Kel kantité larzan la bezwin pou viv ? Comment chérir la vie quand son coût est insupportable pour 60% de la population ? Tels furent les sujets de débat de l’émission Alé di Partou pendant laquelle les chiffres se sont confrontés aux souffrances.
L’émission Alé di partou du 29 août, sur Radio Sud Plus et Parallèle Sud, a consacré deux heures à un sujet qui traverse toute la société réunionnaise : le coût de la vie. Les mots méritent qu’on s’y arrête. Les animateurs Olivier Mussard et Nini des Bilimbies ouvrent ainsi le débat : « On n’est pas trop d’accord sur ce mot-là de vie chère. Parce que pour nous la vie n’est pas chère, on doit chérir la vie. On n’a pas de pouvoir dans l’achat, on n’a une dépendance dans l’achat. »
Autour de la table : l’économiste Philippe Fabing, les représentants du Rassemblement pour la protection des peuples et des ressources afro-caribéennes et de l’océan Indien (RPPRAC-OI), Séverine Rahout et Clarisse Cordon, le vice-président de l’Observatoire des prix, des marges et des revenus, Jocelyn Cavillot et Gérard Yeselnick, ancien fonctionnaire de la répression des fraudes qui vient de proposer une loi contre la vie chère.
Tous ont dressé un constat sévère : malgré les rapports officiels et les dispositifs existants, la cherté des prix reste insoutenable pour une majorité de ménages. Des revenus trop bas pour des prix trop hauts. Le diagnostic est vite posé : « 40 % de la population vit avec des revenus inférieurs au seuil de pauvreté de 800 €. Avec des salaires bien plus faibles qu’en métropole et des prix plus élevés. », pose Jocelyn Cavillot.

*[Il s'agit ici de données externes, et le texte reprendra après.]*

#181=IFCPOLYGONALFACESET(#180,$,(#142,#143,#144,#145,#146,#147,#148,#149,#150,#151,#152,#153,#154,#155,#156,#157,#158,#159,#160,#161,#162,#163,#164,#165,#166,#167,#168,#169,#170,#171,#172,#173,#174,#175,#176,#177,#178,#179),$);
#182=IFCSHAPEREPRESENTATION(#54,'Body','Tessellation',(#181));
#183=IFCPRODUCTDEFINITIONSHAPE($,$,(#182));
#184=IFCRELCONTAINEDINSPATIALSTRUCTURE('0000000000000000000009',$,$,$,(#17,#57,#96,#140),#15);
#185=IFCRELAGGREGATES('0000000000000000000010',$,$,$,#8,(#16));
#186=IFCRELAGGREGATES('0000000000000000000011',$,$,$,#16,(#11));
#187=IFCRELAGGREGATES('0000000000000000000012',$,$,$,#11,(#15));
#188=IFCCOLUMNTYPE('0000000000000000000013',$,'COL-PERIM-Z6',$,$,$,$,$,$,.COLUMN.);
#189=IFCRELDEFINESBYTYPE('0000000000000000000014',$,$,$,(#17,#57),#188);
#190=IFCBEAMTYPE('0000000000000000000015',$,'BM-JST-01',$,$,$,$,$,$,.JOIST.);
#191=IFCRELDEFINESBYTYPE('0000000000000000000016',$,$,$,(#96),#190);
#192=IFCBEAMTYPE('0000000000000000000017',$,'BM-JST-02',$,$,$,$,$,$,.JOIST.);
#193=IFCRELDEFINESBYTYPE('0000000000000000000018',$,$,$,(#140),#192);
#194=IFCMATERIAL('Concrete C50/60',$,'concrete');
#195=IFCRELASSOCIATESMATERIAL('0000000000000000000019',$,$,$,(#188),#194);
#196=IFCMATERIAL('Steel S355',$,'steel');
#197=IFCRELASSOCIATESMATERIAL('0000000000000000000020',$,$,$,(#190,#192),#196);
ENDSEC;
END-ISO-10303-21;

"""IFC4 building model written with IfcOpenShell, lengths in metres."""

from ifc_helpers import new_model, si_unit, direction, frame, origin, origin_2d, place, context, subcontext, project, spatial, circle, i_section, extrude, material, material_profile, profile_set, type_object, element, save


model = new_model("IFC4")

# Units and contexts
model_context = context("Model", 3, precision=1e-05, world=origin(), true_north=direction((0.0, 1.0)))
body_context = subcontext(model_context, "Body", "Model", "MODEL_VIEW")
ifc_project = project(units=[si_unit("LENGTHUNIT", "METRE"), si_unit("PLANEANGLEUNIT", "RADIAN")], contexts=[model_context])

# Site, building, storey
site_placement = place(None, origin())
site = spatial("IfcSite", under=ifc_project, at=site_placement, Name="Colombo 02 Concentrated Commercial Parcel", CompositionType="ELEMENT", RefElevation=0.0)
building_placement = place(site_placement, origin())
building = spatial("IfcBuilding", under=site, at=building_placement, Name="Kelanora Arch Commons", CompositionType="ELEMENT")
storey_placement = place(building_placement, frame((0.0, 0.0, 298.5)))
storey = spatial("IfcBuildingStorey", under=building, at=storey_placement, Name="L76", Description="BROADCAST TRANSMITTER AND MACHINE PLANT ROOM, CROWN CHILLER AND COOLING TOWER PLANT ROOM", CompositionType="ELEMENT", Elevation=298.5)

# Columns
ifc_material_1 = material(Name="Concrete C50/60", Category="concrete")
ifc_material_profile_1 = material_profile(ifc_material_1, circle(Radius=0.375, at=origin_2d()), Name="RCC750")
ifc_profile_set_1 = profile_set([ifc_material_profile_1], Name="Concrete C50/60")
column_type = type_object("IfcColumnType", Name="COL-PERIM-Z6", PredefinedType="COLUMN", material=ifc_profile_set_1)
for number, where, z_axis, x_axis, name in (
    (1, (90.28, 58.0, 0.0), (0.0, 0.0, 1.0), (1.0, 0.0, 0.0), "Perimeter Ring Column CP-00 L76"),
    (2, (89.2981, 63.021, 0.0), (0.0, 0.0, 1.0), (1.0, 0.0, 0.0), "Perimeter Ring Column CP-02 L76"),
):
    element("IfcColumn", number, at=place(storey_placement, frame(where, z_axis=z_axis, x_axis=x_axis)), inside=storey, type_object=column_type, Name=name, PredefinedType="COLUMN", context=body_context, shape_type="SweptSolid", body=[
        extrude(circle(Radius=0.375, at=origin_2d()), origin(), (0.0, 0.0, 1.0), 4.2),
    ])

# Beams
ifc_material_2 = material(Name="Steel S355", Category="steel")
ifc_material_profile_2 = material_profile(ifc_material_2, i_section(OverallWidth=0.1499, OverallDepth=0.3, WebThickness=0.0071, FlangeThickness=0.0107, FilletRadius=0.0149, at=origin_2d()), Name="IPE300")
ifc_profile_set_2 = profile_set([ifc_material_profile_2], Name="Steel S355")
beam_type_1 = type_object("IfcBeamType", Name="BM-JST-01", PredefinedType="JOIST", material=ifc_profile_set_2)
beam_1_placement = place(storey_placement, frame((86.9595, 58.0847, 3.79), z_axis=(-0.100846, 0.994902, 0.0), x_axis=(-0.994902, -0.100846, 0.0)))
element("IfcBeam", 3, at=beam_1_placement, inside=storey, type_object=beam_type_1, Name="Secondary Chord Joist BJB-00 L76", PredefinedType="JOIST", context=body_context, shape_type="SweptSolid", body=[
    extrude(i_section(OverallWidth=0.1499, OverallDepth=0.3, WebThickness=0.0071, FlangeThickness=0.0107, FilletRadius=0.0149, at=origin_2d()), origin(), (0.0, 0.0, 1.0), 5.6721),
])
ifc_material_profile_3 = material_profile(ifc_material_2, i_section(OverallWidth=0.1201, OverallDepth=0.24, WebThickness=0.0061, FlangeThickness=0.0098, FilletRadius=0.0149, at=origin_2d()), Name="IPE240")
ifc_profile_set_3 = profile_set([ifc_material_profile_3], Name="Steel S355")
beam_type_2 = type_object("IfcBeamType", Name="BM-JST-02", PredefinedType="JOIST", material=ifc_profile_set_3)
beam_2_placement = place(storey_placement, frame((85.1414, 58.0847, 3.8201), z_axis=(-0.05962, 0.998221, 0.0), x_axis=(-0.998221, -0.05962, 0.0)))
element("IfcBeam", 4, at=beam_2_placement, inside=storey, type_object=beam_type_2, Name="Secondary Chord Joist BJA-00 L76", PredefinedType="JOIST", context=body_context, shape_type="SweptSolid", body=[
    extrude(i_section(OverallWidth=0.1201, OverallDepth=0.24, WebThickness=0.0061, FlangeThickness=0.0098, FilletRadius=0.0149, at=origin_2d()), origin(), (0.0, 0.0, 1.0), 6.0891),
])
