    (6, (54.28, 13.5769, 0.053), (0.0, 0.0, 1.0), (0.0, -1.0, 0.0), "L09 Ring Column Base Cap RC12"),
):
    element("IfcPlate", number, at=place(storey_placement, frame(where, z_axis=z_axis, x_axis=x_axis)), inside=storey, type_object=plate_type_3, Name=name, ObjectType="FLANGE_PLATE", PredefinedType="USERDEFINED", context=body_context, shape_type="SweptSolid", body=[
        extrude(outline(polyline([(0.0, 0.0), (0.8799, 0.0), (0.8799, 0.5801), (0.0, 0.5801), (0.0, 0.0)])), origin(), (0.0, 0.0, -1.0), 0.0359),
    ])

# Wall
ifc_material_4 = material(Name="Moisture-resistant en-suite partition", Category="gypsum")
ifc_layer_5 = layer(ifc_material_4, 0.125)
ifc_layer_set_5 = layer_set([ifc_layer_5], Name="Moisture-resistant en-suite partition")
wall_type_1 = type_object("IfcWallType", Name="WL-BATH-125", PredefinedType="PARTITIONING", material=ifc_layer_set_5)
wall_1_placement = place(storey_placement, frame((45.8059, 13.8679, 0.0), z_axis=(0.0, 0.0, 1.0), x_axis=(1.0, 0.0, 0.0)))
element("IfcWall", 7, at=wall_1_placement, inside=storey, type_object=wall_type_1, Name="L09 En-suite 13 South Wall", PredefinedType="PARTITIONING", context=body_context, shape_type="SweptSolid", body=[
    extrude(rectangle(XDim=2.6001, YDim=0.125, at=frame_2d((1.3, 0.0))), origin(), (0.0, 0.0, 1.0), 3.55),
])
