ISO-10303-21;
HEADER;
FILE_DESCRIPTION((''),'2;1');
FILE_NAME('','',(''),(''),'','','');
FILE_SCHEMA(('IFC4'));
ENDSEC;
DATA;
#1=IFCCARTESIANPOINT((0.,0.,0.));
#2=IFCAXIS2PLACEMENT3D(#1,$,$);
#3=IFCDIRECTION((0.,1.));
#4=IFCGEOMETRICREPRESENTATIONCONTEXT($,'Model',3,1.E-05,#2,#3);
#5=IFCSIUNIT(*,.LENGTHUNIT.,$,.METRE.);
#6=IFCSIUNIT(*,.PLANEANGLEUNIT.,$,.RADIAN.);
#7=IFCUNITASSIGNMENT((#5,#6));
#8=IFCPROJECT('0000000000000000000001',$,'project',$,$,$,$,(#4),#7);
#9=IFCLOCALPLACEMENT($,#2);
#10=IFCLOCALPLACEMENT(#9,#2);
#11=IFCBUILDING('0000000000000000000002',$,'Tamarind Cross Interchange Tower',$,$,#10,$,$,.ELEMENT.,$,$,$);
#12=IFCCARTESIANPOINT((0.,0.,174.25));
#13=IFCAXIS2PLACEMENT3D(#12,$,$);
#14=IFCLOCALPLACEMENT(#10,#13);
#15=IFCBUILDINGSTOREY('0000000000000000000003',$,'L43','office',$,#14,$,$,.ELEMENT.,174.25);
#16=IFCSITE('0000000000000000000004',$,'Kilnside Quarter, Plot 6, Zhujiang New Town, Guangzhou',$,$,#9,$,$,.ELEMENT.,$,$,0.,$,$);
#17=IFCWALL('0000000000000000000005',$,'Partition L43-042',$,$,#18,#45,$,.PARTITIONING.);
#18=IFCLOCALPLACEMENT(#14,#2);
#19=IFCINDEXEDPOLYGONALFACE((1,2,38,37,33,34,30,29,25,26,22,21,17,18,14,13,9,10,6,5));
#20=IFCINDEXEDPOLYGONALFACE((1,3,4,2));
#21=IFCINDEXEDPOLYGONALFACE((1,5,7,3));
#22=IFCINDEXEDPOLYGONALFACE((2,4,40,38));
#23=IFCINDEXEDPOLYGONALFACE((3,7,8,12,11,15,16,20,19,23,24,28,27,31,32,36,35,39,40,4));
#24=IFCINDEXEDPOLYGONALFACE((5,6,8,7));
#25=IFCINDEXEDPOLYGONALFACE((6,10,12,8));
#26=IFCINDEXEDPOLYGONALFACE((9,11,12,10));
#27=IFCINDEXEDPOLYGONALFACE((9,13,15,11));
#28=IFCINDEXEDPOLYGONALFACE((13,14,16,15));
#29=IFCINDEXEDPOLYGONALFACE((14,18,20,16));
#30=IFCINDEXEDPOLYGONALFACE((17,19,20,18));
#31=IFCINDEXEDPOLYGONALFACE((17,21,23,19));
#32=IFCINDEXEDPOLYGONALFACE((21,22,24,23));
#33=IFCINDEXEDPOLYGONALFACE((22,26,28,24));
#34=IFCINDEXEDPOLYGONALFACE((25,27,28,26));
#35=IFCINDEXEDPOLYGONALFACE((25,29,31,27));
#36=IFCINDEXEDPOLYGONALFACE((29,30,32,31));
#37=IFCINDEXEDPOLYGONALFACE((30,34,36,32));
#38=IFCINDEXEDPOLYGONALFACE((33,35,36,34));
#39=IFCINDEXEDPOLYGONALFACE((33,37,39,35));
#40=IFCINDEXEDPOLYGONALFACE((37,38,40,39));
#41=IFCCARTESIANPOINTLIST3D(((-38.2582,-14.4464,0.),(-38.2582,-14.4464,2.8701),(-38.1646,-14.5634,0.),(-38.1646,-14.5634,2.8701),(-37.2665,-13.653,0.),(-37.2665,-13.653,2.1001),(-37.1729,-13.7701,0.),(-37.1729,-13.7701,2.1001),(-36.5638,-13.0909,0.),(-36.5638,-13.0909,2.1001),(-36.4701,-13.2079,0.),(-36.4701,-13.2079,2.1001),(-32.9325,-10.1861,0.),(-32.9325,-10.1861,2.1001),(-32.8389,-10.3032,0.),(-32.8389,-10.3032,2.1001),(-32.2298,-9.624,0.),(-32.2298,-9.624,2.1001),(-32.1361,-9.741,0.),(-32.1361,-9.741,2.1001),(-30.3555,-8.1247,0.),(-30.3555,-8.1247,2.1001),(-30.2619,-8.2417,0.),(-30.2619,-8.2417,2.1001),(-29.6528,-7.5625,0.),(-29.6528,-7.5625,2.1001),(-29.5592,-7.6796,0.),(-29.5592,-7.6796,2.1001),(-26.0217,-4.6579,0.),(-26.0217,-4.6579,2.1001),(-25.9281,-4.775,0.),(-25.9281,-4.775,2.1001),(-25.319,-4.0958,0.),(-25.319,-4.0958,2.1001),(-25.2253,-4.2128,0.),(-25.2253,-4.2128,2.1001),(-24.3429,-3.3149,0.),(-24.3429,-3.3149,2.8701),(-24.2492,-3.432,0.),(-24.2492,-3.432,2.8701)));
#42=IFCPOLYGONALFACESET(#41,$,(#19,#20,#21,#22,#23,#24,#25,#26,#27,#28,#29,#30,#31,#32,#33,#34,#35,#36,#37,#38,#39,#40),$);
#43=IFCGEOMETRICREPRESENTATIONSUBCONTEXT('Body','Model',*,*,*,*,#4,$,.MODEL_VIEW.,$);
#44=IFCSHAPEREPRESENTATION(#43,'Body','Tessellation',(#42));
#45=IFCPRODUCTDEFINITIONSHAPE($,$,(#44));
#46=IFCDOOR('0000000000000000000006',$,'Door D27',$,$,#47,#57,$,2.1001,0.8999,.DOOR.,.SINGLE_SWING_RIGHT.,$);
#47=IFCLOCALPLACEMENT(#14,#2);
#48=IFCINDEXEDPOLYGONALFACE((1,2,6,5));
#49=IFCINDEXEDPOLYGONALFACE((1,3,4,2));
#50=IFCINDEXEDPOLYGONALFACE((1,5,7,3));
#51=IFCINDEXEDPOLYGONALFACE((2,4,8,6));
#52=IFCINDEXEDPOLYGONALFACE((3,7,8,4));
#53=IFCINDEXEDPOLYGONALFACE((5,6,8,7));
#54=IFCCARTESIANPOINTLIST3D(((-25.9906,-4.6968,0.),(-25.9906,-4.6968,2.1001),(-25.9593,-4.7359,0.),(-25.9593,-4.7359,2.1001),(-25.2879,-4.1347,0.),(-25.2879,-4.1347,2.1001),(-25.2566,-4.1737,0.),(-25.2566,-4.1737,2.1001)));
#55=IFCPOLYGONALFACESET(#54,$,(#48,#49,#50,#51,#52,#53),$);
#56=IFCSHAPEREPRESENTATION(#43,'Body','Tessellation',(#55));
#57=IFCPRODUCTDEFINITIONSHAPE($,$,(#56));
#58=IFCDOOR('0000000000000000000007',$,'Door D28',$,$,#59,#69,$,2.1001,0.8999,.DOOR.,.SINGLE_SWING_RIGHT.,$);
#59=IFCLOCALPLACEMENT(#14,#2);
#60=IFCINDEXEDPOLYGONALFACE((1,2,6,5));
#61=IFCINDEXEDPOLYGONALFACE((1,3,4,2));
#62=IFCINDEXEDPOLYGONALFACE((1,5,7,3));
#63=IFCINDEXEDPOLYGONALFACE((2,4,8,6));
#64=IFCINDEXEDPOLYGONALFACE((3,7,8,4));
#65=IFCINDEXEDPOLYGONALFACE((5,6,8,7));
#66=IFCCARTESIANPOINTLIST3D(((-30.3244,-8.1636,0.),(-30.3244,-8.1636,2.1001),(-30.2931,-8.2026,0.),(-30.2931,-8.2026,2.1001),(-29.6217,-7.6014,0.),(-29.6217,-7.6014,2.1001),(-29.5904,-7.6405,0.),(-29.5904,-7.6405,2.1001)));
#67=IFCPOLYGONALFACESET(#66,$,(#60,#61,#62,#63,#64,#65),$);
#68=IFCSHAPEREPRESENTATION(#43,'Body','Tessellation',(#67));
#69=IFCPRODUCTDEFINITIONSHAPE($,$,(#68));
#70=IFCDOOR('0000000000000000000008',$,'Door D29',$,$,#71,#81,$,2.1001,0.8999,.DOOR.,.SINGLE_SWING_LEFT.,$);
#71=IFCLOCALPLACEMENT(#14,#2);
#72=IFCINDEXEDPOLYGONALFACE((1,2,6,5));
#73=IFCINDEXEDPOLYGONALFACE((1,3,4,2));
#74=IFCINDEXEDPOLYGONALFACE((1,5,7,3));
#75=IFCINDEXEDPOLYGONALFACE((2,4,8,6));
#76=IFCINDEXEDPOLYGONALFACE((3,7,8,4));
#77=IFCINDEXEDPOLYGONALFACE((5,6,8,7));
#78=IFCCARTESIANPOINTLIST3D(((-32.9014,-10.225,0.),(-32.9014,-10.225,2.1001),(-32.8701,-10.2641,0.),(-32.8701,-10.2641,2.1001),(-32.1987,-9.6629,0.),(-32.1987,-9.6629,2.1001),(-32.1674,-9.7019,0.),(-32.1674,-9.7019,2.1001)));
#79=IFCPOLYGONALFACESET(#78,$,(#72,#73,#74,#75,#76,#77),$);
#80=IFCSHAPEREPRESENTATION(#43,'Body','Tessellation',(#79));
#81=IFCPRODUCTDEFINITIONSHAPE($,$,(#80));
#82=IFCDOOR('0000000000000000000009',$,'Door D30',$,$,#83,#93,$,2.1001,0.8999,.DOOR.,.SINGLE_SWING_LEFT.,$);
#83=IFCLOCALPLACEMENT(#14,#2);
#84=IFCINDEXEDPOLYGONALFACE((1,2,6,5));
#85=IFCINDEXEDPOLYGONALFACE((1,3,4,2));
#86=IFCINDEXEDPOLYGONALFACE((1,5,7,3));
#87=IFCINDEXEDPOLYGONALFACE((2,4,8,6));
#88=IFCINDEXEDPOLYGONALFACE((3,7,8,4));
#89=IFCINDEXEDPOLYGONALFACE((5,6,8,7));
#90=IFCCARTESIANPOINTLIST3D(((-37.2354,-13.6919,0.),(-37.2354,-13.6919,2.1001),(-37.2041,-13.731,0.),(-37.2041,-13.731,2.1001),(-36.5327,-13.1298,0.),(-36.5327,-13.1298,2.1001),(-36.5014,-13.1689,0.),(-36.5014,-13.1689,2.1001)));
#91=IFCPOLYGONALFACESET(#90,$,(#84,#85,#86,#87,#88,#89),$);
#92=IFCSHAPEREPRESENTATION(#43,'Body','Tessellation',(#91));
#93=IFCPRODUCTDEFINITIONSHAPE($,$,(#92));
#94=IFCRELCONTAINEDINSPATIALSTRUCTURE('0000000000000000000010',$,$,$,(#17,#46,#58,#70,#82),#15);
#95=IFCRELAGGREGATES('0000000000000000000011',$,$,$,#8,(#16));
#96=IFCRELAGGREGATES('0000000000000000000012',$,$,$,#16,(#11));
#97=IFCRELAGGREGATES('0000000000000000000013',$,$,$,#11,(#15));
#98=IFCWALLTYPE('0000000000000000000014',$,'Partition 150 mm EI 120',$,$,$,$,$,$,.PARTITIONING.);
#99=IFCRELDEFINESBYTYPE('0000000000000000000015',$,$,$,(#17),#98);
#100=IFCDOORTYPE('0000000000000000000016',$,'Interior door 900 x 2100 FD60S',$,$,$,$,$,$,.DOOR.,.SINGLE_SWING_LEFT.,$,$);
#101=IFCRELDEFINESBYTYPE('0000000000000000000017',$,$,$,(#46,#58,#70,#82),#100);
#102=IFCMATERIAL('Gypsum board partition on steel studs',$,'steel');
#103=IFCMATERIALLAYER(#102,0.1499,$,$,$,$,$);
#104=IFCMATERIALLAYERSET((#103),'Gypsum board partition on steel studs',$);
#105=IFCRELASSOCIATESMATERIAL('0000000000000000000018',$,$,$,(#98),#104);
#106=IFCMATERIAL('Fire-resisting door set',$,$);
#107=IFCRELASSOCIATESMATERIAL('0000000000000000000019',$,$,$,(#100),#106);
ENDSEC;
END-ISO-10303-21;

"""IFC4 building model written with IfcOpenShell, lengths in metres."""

from ifc_helpers import new_model, si_unit, direction, frame, frame_2d, origin, place, context, subcontext, project, spatial, rectangle, extrude, material, layer, layer_set, type_object, element, fill, save


model = new_model("IFC4")

# Units and contexts
model_context = context("Model", 3, precision=1e-05, world=origin(), true_north=direction((0.0, 1.0)))
body_context = subcontext(model_context, "Body", "Model", "MODEL_VIEW")
ifc_project = project(units=[si_unit("LENGTHUNIT", "METRE"), si_unit("PLANEANGLEUNIT", "RADIAN")], contexts=[model_context])

# Site, building, storey
site_placement = place(None, origin())
site = spatial("IfcSite", under=ifc_project, at=site_placement, Name="Kilnside Quarter, Plot 6, Zhujiang New Town, Guangzhou", CompositionType="ELEMENT", RefElevation=0.0)
building_placement = place(site_placement, origin())
building = spatial("IfcBuilding", under=site, at=building_placement, Name="Tamarind Cross Interchange Tower", CompositionType="ELEMENT")
storey_placement = place(building_placement, frame((0.0, 0.0, 174.25)))
storey = spatial("IfcBuildingStorey", under=building, at=storey_placement, Name="L43", Description="office", CompositionType="ELEMENT", Elevation=174.25)

# Shared definitions
ifc_material_1 = material(Name="Gypsum board partition on steel studs", Category="steel")

# Shared definitions
ifc_layer_1 = layer(ifc_material_1, 0.1499)
ifc_layer_set_1 = layer_set([ifc_layer_1], Name="Gypsum board partition on steel studs")
wall_type_1 = type_object("IfcWallType", Name="Partition 150 mm EI 120", PredefinedType="PARTITIONING", material=ifc_layer_set_1)
ifc_material_2 = material(Name="Fire-resisting door set")

# Wall, openings, doors
wall_1_placement = place(storey_placement, frame((-38.2114, -14.5049, 0.0), z_axis=(0.0, 0.0, 1.0), x_axis=(0.780893, 0.624665, 0.0)))
wall_1 = element("IfcWall", 1, at=wall_1_placement, inside=storey, type_object=wall_type_1, Name="Partition L43-042", PredefinedType="PARTITIONING", context=body_context, shape_type="SweptSolid", body=[
    extrude(rectangle(XDim=17.8198, YDim=0.1499, at=frame_2d((8.9099, 0.0))), origin(), (0.0, 0.0, 1.0), 2.8701),
])
opening_1_placement = place(wall_1_placement, frame((15.6699, 0.0, 0.0)))
opening_1 = element("IfcOpeningElement", 2, at=opening_1_placement, cuts=wall_1, PredefinedType="OPENING", context=body_context, shape_type="SweptSolid", body=[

« Nou té mizèr mé nou té pa maléré ».
Séverine Rahout
« Quand vous prenez les 20 % les plus riches à la Réunion, ils ont le même pouvoir d’achat que les 20 % les plus riches en province en France. Les 20 % suivants ont en gros 15 % de pouvoir d’achat au moins. Essentiellement, c’est l’écart de coût de la vie. Les 60 % qui suivent sont des ménages qui vivent avec un revenu qui est de l’ordre de 35 à 40 % moins élevé que les 60 % les plus pauvres en province en France », précise Philippe Fabing
Séverine Rahout affirme que c’était mieux avant : « Nou té mizèr mé nou té pa maléré ». Elle explique que c’est la politique menée qui a parqué les Réunionnais dans les immeubles et détruit leur mode de vie. Un point de vue que ne partage pas Philippe Fabing qui relève quant à lui une progression constante du niveau de vie de la population jusqu’au début des années 2000 : « Dire qu’on était plus heureux, c’est oublier que beaucoup de familles vivaient dans une misère noire. »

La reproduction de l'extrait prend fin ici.